The following lines are all valid and equivalent:
sha3_512 "Fee fi fo fum!"
sha3 @512 "Fee fi fo fum!"
sha3 "Fee fi fo fum!" :: SHA3_512Digest
sha3 "Fee fi fo fum!" :: SHA3Digest 512
sha3 "Fee fi fo fum!" :: Digest (SHA3 512)
sha3 "Fee fi fo fum!" :: Digest SHA3_512
hash @(SHA3 512) "Fee fi fo fum!"
hash @SHA3_512 "Fee fi fo fum!"
hash "Fee fi fo fum!" :: SHA3_512Digest
hash "Fee fi fo fum!" :: SHA3Digest 512
hash "Fee fi fo fum!" :: Digest (SHA3 512)
hash "Fee fi fo fum!" :: Digest SHA3_512
-- 03a240a26674994a...
There is a great deal of freedom of choice, but from this we may expose a final, curated interface, eg by picking a particular idiom and emphasizing it in the tutorials.
- The cryptographic typeclasses are being designed to expose a consistent, implementation-agnostic cryptographic interface and will eventually be lifted out into their own package with botan continuing to conform to it. This will eventually allow alternate backends to fulfill the required primitives, while allowing more complex implementation-agnostic concepts like merkle trees to be implemented without locking yourself to one backend library. This will also allow the final curated interfaces to be reused across backends, and is part of the long-term goal of a unified haskell cryptography ecosystem.
Honestly, I still think the best abstraction here is backpack. At least at a conceptual level, it simply feels like the right things.
I’d be happy to have a chat about it, even if just to put it on your map.

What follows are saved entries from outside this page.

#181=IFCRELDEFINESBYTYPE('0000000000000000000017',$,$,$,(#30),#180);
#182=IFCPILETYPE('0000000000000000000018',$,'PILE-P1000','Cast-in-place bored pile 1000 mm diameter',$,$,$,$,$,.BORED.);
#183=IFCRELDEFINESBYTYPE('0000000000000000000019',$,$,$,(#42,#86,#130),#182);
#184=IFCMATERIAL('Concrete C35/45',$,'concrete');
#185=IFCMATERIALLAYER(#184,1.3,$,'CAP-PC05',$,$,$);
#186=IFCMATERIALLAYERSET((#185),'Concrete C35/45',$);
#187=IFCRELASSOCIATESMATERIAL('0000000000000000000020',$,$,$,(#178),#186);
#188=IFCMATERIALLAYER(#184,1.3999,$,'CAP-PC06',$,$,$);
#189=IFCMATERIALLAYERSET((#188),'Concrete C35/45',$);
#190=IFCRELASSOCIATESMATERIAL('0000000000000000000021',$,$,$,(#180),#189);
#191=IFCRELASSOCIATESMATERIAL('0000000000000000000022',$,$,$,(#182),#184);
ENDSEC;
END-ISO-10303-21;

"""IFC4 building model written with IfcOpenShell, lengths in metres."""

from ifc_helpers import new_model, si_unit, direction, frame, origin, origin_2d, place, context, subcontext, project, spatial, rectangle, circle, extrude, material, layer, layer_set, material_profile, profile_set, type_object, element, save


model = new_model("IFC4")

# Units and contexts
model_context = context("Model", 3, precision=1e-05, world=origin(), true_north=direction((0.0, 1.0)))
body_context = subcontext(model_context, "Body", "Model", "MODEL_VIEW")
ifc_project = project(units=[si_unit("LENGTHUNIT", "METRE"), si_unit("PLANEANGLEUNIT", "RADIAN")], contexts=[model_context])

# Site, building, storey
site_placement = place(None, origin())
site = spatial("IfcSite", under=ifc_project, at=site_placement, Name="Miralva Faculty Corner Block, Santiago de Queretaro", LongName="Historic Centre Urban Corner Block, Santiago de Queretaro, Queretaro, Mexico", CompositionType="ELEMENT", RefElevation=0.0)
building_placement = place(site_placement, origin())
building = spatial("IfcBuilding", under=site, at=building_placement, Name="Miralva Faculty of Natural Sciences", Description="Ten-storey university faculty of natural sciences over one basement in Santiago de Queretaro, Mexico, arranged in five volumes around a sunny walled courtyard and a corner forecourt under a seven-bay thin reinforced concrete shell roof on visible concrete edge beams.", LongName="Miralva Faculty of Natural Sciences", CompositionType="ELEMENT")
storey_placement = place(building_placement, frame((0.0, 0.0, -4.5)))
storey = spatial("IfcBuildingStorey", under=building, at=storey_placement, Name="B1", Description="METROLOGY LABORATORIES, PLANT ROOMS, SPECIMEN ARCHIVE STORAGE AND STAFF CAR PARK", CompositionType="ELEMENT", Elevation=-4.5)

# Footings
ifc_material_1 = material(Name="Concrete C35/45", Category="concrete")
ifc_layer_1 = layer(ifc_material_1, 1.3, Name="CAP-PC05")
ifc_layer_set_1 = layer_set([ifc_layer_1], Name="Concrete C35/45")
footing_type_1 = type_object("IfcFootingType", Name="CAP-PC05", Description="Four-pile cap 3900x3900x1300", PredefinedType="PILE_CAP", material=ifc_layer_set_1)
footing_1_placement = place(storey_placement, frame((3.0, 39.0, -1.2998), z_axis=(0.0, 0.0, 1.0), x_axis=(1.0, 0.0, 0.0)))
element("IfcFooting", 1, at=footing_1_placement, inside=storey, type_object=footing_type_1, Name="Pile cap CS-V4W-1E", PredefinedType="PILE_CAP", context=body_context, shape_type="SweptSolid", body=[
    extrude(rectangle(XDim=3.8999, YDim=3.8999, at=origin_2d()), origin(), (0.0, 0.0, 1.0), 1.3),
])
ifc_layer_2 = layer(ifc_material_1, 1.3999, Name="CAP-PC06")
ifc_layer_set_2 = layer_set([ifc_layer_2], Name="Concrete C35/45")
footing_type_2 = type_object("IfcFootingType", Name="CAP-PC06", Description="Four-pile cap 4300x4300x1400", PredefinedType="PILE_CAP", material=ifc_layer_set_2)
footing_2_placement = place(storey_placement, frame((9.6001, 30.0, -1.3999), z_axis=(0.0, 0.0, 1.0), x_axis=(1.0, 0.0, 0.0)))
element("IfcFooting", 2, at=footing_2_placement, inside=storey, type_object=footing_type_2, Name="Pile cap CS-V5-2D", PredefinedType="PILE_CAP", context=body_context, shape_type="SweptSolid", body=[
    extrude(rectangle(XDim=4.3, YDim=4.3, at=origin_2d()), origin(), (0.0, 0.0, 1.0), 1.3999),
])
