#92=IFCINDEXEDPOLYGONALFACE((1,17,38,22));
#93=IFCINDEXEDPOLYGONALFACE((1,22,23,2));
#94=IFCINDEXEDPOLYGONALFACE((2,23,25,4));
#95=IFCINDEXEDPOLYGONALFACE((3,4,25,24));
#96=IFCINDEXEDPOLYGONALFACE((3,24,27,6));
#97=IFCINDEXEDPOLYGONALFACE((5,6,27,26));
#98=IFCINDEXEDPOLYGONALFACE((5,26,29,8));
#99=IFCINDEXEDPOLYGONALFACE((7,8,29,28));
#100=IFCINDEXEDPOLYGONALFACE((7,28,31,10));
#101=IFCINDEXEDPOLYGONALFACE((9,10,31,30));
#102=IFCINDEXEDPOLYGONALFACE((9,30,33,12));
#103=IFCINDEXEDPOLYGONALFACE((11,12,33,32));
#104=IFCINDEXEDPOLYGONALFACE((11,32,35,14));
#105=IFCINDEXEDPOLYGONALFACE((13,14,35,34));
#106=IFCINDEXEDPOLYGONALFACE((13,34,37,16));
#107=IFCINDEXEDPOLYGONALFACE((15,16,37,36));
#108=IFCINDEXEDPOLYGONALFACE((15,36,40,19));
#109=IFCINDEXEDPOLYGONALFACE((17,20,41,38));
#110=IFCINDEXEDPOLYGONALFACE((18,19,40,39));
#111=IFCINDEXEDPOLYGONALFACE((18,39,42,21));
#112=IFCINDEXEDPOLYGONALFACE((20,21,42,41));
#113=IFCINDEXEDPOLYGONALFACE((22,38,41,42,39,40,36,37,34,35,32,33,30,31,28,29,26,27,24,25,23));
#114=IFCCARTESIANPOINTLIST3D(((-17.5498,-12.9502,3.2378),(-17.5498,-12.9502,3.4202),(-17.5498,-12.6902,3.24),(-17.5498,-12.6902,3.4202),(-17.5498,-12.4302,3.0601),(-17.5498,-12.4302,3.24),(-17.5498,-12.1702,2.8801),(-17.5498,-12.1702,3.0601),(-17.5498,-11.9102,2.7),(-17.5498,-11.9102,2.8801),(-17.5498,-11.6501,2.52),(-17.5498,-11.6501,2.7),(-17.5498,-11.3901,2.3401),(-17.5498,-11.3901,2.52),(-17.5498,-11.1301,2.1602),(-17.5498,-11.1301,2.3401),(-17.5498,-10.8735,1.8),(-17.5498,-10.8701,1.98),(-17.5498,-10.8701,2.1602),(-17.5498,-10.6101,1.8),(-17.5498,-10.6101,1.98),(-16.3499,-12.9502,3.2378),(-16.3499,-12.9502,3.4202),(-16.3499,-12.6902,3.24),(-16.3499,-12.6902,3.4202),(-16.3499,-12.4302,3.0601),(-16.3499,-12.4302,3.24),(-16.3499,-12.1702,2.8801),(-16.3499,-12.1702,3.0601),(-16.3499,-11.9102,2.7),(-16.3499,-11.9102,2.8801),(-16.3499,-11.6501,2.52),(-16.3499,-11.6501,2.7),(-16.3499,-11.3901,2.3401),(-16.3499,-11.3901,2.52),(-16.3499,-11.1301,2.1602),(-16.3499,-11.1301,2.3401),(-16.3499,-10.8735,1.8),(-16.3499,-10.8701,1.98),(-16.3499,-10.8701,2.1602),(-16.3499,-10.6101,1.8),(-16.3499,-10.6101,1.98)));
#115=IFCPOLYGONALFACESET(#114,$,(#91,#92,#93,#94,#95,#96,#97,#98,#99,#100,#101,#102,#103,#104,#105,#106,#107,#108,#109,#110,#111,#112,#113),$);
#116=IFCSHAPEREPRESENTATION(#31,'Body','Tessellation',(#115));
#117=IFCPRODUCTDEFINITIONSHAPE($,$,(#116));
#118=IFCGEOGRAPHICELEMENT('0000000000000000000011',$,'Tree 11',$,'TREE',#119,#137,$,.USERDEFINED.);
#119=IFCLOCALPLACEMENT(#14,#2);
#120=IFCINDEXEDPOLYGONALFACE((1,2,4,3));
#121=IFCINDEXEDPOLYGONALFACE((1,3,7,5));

In practice, however, it may be that backpack is not a viable option due to Stack’s lack of support and HLS — on the other hand, it could be a strong motivation to implement support for it
I do not at all oppose investigating the use of backpack to make swapping of implementation easier, but the ability to pull it out as an implementation-agnostic interface is merely a convenient side effect of being extremely stringent in acknowledging the unique properties of all of the various algorithms
I feel as though I need to clarify something for the general audience, however, as there appears to be some wariness or misunderstanding of why the typeclasses are being developed:
The typeclass abstractions are still necessary within botan
as a single package, in order to expose multiple algorithms for the same primitive in a type-safe manner without throwing exceptions, or pretending that algorithm variants don’t exist.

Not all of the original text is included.